Deformations of quasi-Hamiltonian spaces

TL;DR

This paper introduces deformations from quasi-Hamiltonian to Hamiltonian G-spaces, illustrating how key examples like the double G×G and moduli spaces deform to cotangent bundles and coadjoint orbits.

Contribution

It provides a framework for deforming quasi-Hamiltonian G-spaces into Hamiltonian G-spaces with explicit examples and applications.

Findings

Double G×G deforms to T*G

Conjugacy classes near identity deform to coadjoint orbits

Moduli space of flat G-connections deforms to T*G^{r+g}

Abstract

We introduce a notion of deformations of quasi-Hamiltonian $G$-spaces to Hamiltonian $G$-spaces and provide several examples.

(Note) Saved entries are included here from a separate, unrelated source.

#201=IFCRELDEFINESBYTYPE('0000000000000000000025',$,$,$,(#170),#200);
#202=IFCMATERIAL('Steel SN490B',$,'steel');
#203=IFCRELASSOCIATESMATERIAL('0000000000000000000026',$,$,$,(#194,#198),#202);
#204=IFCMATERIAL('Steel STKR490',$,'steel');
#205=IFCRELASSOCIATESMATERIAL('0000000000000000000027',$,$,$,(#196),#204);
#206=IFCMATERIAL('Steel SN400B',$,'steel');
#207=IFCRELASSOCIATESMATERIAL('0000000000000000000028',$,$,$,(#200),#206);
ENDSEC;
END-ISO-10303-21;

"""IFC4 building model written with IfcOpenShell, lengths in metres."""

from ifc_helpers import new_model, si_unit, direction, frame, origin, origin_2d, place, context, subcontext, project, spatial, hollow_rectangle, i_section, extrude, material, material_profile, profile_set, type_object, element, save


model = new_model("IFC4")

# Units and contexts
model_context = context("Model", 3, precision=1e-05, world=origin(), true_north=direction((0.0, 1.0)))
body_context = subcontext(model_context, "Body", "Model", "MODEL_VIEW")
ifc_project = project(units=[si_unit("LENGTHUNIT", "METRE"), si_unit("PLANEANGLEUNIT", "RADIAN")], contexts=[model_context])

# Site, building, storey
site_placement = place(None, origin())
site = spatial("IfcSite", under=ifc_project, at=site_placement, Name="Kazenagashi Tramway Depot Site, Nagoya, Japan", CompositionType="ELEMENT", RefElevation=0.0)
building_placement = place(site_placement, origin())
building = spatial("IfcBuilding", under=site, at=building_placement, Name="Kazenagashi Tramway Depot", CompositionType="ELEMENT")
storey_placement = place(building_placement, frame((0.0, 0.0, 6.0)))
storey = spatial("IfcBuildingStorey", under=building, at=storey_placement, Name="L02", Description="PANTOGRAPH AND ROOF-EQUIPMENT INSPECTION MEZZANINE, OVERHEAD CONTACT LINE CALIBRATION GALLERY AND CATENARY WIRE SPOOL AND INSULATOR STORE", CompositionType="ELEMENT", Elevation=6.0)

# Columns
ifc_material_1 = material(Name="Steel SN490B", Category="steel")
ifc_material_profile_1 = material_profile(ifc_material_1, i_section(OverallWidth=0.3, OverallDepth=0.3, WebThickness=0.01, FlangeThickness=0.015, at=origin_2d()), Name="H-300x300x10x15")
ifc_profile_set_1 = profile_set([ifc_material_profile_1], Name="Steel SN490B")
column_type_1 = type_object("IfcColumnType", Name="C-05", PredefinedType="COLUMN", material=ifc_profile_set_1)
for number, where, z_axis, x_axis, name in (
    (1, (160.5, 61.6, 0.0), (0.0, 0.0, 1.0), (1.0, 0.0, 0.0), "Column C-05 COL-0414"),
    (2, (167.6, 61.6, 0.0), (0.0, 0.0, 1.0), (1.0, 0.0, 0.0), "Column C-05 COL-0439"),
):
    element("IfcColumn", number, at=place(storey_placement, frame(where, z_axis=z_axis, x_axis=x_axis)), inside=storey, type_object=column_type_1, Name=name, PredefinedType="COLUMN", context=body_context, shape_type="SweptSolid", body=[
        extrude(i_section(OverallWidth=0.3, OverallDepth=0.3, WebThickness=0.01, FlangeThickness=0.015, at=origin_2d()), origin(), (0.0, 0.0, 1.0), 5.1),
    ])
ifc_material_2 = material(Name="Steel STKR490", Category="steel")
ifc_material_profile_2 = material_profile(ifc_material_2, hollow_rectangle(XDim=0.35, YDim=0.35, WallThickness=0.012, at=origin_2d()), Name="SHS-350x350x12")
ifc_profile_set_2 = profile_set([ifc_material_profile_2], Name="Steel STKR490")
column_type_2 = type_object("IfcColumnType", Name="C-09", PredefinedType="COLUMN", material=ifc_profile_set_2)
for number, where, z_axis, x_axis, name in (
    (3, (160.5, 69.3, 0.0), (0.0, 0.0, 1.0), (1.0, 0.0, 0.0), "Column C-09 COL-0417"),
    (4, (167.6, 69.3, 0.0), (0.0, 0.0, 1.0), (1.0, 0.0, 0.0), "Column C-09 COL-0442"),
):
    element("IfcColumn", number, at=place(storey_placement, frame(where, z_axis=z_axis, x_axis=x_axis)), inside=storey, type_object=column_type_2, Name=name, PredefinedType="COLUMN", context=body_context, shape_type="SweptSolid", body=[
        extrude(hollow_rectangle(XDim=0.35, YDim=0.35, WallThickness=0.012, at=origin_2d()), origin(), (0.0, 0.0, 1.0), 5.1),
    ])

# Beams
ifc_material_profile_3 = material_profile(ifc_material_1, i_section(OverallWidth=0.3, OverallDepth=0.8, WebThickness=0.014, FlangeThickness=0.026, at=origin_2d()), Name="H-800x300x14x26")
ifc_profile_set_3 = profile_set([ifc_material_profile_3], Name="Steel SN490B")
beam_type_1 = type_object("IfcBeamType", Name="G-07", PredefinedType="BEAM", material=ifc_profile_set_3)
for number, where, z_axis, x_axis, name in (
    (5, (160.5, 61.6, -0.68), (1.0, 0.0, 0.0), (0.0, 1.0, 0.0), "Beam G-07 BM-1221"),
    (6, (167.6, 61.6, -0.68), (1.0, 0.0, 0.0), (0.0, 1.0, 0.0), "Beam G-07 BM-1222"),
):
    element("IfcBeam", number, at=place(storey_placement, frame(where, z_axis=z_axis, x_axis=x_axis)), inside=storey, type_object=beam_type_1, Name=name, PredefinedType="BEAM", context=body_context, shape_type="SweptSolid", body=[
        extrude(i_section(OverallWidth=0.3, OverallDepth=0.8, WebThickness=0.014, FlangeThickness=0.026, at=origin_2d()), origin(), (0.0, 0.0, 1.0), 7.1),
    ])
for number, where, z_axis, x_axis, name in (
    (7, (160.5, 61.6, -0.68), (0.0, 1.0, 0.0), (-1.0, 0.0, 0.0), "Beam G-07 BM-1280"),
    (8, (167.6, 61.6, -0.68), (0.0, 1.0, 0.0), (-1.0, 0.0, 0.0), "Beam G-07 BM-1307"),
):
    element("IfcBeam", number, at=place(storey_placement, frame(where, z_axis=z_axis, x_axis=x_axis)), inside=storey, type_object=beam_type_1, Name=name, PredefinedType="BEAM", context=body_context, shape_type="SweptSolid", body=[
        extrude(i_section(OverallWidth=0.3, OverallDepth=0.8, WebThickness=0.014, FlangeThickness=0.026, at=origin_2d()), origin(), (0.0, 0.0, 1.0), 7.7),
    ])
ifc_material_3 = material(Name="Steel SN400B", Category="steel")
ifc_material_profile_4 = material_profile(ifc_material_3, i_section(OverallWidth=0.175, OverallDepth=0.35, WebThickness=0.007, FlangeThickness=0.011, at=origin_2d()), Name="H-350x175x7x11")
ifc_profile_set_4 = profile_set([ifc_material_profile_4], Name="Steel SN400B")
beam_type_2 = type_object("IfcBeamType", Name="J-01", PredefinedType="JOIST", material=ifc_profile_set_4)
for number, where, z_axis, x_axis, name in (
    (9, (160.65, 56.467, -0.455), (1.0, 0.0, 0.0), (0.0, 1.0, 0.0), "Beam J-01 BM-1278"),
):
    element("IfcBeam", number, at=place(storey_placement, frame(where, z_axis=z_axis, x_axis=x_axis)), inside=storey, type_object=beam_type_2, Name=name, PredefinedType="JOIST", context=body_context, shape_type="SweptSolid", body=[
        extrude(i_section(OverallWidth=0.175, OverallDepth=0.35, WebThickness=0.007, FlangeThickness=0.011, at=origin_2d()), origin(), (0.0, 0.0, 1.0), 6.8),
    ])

In particular, we show that the double $G \times G$ of a Lie group, viewed as a quasi-Hamiltonian $G \times G$-space, deforms smoothly to the cotangent bundle $T^*G$. Likewise, any conjugacy class of $G$ sufficiently close to the identity deforms to a coadjoint orbit. We further show that the moduli space of flat $G$-connections on a compact oriented surface of genus $g$ with $r+1$ boundary components deforms to $T^*G^{r+g}$.